Law of total conditional expectation question

Question

I was looking at the accepted answer of this post : Six-sided and four-sided dice question contradiction. It says :

$\mathbb{E}(X \,|\, R_2) = \mathbb{E}(X \,|\, D_6)P(D_6 \,|\, R_2) + \mathbb{E}(X \,|\, D_4)P(D_4 \,|\, R_2)$ where $D_4$ and $D_6$ are disjoint events forming a partition.

I thought however that the right formula was $\mathbb{E}(X \,|\, R_2) = \mathbb{E}(X \,|\, D_6 \cap R_2)P(D_6 \,|\, R_2) + \mathbb{E}(X \,|\, D_4 \cap R_2)P(D_4 \,|\, R_2) $.

Also, I see no reason why $D_6 \cap R_2=D_6$ could hold. Is there something I misunderstand here because the post gets the right answer in the end so it's a bit weird to me.

Answer 1

I thought however that the right formula was $\mathbb{E}(X \,|\, R_2) = \mathbb{E}(X \,|\, D_6 \cap R_2)P(D_6 \,|\, R_2) + \mathbb{E}(X \,|\, D_4 \cap R_2)P(D_4 \,|\, R_2) $.

Lacking formal training, my personal attack on such probability problems relies heavily on having developed intuition. So, I can offer an intuitive explanation (only) why the formula excerpted at the start of this response is wrong.

Dissect, for example, the expression

$$\mathbb{E}(X \,|\, D_6 \cap R_2) \times P(D_6 \,|\, R_2) \tag1 $$

The right hand factor in (1) above, $~\displaystyle P(D_6 \,|\, R_2)~$ captures the fact that $~P(D_6)~$ is being computed under the assumption that $~R_2~$ has occurred.

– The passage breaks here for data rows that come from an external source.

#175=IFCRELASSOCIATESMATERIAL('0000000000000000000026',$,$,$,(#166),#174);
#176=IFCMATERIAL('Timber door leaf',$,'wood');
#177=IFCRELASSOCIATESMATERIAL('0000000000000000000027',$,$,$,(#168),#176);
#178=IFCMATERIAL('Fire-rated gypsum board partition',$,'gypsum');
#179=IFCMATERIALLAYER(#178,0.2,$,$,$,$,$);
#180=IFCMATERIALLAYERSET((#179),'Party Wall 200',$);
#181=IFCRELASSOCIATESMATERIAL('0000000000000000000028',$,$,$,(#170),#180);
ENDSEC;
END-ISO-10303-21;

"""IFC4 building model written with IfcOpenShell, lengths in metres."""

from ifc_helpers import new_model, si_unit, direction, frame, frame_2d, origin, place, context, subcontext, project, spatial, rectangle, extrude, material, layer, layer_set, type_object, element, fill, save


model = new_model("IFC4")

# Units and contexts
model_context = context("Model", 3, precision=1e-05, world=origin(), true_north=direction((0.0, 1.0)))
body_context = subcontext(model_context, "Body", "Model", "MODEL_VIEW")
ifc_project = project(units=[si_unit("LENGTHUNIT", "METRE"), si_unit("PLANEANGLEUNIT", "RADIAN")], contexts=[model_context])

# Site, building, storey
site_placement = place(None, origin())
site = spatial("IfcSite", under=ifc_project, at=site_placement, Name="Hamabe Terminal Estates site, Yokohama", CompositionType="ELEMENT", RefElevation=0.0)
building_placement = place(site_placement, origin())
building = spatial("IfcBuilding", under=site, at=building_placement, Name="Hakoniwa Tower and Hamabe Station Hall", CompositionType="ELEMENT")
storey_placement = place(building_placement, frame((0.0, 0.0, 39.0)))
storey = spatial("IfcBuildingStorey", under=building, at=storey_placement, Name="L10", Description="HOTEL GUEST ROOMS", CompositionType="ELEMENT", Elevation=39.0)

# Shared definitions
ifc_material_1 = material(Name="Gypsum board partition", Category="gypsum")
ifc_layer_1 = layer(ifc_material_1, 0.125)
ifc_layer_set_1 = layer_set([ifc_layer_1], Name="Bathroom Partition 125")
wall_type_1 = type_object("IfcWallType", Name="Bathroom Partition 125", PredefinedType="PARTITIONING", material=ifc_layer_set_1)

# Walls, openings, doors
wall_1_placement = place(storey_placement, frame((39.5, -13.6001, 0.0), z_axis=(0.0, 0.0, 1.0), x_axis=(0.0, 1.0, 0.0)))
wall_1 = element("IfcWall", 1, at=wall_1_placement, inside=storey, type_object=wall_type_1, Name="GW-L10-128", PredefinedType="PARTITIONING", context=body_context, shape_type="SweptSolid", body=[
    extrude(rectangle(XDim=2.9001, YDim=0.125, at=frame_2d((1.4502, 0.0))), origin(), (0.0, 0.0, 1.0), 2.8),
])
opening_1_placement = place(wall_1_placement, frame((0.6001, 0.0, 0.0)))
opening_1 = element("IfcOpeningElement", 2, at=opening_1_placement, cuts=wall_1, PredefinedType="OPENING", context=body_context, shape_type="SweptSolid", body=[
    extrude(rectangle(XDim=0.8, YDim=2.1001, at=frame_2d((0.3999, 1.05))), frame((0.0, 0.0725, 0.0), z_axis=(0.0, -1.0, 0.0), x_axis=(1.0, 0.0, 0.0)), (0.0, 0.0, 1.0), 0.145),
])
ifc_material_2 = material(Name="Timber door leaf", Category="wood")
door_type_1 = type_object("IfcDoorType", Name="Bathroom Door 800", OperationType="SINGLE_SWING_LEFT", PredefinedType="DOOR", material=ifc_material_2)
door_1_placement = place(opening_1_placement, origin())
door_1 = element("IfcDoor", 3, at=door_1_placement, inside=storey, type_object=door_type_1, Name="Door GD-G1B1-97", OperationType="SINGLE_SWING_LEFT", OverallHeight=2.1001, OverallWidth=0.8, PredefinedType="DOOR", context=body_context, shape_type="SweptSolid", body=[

Now, the left hand factor in (1) above should be computing the expected factor of the 2nd throw, under the assumption that the die in question is 6 sided.

Instead, you are attempting to re-use the fact that the first throw was a 2 in computing the expected value of the second throw, when the die is 6 sided.

In effect, you are attempting to use fact that the first throw was a 2 twice, which is inappropriate.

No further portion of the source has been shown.